Dans une logique terrestre, il est évident que la Bretagne est un finis terrae, un bout du monde. Mais en breton, penn-ar-bed veut dire aussi la tête donc le début du monde. Question de point de vue. Hélas, visiblement, l’Union européenne semble traiter la sortie du Royaume-Uni de façon centralisée, sans prendre en considération la géographie.
Dans une tribune datée du 2 août, Michel Barnier, chef de la négociation avec le Royaume-Uni pour la Commission européenne, expliquait : « nous devons veiller à ce que la sortie du Royaume-Uni soit ordonnée. Nous sommes déjà d’accord sur 80 % de l’accord de retrait. » En sous-main, on sait que les négociations patinent et que beaucoup de britanniques (y compris des résidents vivant en Bretagne) paniquent à l’idée de sortir réellement de l’Union européenne. De plus en plus, la possibilité d’un nouveau référendum est évoquée ce qui poserait un problème de démocratie évident : « vous n’avez pas bien voté alors on recommence ».
Il faut donc partir du principe que le Brexit aura bel et bien lieu. Mais le Royaume-Uni n’a pas l’intention de vivre de manière autarcique ! Il cherchera à poursuivre des relations économiques avec le monde et également avec le marché commun de l’Union européenne. Michel Barnier le sait pertinemment et précise dans sa tribune qu’« une période de transition de 21 mois donnera aux entreprises et aux administrations le temps de s’adapter, puisque le Royaume-Uni restera membre du marché unique et de l’union douanière jusqu’au 31 décembre 2020. » Dès les élections européennes de 2019, les parlementaires du Royaume-Uni perdront leurs sièges.
Pour la Bretagne, le Brexit n’est pas franchement une bonne nouvelle. Le Royaume-Uni est en effet un partenaire économique important et sa sortie de l’Union européenne va compliquer les relations avec l’île. D’autant plus que la négociation très centralisée du Brexit semble faire fi des voisins.
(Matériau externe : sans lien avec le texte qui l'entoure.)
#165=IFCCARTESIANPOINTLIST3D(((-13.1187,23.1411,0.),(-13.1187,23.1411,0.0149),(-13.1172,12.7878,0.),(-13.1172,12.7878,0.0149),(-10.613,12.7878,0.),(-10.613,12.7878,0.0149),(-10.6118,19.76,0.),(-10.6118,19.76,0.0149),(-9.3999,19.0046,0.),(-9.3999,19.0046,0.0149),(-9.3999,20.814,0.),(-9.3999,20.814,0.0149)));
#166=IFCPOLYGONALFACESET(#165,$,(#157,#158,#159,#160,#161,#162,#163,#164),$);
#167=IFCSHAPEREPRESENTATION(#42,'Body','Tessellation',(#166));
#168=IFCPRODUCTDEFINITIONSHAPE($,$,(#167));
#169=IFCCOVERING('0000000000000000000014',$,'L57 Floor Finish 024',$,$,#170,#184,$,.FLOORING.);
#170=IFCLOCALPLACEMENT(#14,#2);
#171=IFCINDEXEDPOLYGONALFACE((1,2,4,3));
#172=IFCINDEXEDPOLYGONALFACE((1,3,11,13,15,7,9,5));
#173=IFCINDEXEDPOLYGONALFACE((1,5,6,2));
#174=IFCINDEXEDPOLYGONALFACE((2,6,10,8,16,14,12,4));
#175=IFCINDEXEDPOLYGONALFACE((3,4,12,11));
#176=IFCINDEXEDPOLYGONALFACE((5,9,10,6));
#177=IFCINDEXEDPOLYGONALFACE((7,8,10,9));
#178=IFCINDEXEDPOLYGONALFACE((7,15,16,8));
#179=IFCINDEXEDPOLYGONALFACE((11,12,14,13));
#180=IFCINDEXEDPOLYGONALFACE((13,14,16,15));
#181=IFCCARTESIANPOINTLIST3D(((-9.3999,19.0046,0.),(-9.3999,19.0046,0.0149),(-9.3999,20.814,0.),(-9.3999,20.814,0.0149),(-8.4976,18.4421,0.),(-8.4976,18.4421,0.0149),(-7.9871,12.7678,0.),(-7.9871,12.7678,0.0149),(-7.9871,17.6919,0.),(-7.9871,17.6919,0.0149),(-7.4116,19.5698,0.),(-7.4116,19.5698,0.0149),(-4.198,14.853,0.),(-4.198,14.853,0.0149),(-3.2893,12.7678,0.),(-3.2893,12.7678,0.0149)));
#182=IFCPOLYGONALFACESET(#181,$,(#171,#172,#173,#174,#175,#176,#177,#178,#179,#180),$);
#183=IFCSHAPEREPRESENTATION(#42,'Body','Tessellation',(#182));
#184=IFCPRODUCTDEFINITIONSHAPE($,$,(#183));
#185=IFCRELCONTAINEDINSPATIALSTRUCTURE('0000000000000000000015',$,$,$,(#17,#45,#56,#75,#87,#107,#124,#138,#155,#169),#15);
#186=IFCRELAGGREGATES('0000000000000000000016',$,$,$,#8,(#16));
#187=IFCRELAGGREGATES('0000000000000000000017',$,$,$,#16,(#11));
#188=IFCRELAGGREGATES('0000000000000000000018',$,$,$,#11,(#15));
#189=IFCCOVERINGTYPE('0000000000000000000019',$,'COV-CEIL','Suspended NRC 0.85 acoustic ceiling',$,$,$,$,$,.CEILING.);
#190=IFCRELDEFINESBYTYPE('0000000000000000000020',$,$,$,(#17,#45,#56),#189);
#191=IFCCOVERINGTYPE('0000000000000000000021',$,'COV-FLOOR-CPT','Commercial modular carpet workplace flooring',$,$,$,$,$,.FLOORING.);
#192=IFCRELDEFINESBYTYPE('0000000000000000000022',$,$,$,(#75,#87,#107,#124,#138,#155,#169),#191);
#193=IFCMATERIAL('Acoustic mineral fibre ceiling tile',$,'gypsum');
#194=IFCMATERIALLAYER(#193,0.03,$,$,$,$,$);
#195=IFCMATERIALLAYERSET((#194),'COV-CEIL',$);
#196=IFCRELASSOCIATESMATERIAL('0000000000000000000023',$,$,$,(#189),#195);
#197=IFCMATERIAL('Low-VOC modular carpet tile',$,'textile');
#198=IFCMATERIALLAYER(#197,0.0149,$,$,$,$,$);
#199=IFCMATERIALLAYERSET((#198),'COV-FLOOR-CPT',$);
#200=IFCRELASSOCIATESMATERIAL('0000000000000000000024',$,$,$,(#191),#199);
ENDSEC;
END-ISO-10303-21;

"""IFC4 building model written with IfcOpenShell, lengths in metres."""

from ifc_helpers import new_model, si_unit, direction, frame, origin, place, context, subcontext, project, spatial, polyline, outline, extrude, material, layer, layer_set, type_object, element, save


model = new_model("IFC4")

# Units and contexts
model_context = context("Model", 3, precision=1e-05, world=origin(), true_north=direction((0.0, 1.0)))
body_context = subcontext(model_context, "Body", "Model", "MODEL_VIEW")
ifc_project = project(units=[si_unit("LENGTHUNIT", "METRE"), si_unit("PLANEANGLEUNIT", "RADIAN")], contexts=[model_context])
Le cas de l’Irlande est un peu à part puisque les négociations l’ont en tête en permanence. Le Brexit se fera si et seulement si la frontière entre Irlande du Nord et République d’Irlande est poreuse (à moins d’enfin proposer un référendum sur le rattachement du Nord au Sud !).
Irlande exceptée donc, la Commission européenne raisonne (à l’instar de la France) de manière centralisée et au lieu de chercher à conforter la géographie, elle raisonne comme si l’Union européenne était un bloc homogène parlant d’une voix unique. En ce qui concerne l’aspect maritime par exemple, Bruxelles envisage de regrouper le fret irlandais dans les ports d’Europe du Nord. Dans Le Peuple breton du mois [septembre], Mael Garrec dresse un tableau complet de ce sujet. La Commission a en effet proposé d’adapter le tracé du corridor transeuropéen Mer du Nord-Méditerranée en favorisant les grands ports européens. Une situation qui n’est « pas acceptable pour la France » selon Elisabeth Borne, la ministre française chargée des transports. Aucun Breton (qu’il s’agisse du Président de la Région Bretagne à l’UDB) ne l’accepte non plus puisque cela poserait un sérieux problème de viabilité économique pour les ports de Roscoff ou Brest. Mais que pèse la Bretagne ? Sans existence politique, quel est son poids auprès de la Commission européenne ?
Plus positif, l’accord sur la pêche à la coquille Saint-Jacques en baie de Seine qui vient d’être trouvé entre les pêcheurs eux-mêmes. Preuve qu’il est possible de s’arranger autrement que par une bureaucratie centralisée.